We formally introduce a rod network model that includes the effect of chain confinement by adding a generalized localization contribution to the network elasticity,
$2{\nu}_{p}{G}_{e}({\lambda}_{x}^{1/2{\nu}_{p}}+{\lambda}_{y}^{1/2{\nu}_{p}}+{\lambda}_{z}^{1/2{\nu}_{p}}-3)$, where *ν _{p}* = ½ and

$$\Delta {F}_{\text{RC}}=\frac{{G}_{c}}{2b}\left\{\text{exp}\left[b\left({\lambda}_{x}^{2}+{\lambda}_{y}^{2}+{\lambda}_{z}^{2}-3\right)\right]-1\right\}+2{G}_{e}({\lambda}_{x}^{1/2}+{\lambda}_{y}^{1/2}+{\lambda}_{z}^{1/2}-3)$$

(7)

We can expect local chain packing effects to be substantially less important in stiff polymer networks, but having stiff polymer chains should on the other hand amplify interactions between chains associated with the constraints of chain uncrossability and volume exclusion. Our comparisons to experiment below provide an opportunity to study these entanglement effects in stiff fiber networks within the frame of our model.
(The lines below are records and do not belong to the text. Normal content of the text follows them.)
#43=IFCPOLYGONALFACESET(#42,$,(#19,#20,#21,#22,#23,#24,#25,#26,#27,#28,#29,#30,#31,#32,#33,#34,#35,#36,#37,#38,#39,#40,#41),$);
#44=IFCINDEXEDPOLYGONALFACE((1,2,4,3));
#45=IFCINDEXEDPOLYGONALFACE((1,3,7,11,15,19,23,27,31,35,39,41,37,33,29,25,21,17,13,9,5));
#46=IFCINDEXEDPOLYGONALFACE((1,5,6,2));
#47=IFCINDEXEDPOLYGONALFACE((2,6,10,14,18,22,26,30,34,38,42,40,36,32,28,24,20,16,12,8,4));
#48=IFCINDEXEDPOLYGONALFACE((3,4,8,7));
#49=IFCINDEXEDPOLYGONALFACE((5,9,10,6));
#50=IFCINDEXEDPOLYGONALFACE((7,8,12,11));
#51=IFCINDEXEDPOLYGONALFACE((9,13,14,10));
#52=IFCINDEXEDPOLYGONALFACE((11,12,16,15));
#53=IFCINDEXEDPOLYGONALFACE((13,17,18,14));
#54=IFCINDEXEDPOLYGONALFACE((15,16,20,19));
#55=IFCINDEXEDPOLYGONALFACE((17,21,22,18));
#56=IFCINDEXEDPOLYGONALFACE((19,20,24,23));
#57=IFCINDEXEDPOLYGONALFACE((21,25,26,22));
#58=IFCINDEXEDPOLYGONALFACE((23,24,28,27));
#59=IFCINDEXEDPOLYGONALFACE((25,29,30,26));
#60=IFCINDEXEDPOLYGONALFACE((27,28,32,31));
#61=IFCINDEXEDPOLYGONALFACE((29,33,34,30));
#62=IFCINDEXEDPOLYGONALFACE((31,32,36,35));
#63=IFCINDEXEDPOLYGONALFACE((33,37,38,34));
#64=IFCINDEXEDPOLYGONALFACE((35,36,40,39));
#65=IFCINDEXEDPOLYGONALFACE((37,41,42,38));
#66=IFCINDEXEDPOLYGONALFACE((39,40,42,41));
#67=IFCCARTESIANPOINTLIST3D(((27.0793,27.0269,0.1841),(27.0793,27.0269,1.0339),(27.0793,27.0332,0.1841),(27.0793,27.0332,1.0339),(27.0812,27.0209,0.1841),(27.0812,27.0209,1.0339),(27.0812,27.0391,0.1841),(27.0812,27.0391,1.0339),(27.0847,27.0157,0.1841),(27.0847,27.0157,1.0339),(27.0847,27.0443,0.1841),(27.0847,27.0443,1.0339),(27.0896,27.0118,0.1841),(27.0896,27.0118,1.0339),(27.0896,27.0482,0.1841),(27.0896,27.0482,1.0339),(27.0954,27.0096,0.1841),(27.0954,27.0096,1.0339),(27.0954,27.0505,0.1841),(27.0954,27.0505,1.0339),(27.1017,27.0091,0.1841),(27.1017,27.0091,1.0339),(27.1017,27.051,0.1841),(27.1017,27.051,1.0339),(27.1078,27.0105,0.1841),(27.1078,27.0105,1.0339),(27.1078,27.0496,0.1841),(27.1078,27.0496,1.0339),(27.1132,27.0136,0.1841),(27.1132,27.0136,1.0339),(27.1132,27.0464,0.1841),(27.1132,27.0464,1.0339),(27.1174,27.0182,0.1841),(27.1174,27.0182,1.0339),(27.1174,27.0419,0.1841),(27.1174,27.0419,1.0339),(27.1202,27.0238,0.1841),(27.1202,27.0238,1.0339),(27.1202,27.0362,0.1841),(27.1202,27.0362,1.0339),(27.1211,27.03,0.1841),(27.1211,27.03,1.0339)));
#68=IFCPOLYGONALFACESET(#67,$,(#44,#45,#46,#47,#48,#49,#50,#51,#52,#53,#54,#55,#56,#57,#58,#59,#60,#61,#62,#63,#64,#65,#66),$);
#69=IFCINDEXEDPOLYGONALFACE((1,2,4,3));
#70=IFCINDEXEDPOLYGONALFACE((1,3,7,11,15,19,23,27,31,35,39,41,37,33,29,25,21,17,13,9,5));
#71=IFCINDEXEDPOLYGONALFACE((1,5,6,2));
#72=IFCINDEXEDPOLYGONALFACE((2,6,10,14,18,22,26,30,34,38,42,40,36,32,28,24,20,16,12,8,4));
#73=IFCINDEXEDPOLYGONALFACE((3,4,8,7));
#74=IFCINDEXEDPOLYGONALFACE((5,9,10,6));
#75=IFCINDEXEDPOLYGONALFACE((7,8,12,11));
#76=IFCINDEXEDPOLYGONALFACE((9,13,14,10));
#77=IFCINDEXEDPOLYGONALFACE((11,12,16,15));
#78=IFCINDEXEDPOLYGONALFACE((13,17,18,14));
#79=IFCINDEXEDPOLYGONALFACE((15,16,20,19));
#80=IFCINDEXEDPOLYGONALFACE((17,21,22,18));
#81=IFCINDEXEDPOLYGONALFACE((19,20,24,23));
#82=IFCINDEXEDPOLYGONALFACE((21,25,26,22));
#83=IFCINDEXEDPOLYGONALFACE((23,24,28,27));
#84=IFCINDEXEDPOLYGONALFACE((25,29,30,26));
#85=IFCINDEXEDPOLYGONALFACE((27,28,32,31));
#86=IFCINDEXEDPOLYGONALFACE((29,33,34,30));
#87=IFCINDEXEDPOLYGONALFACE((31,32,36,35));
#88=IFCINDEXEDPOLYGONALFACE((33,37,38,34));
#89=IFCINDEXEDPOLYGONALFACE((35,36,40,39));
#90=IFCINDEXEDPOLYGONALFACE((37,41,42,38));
Many networks are formed by a self-assembly process involving the thermally reversible association of network chains. This process may involve the self-assembly of the network fibers, which in turn, exhibit branching to create a network (perhaps with other molecules that regulate the fiber branching process). For example, common gelatin networks self-assemble through the formation of stiff triple helices of the gelatin molecules that are linked by flexible chain ‘links’ where the chain helices are not well organized.^{40} The associative interactions between the monomers within the polymer network can be disrupted by heating or applied stress. Since networks of polymers with associative interactions and self-assembled fiber networks of bundled molecules are common, it would evidently be helpful to have a minimal model that captures essential aspects of these networks. For example, we can expect that deforming self-assembled or thermally reversible networks will ultimately cause a breakdown of network structure by virtue of the stress-induced disruption of the associations defining the network, with a consequent loss of network stiffness. Once the network has “melted” due to the imposition of such stresses, it should recover its pre-stressed state (eventually) through associations and dissociations occurring under a state of dynamic equilibrium. Next we introduce a minimal model to describe this effect. It is noted that if the network undergoes an instability under deformation, such as fracture or significant plastic flow, before melting then our theory does not apply; network deformation then leads to an irreversible modification of the network.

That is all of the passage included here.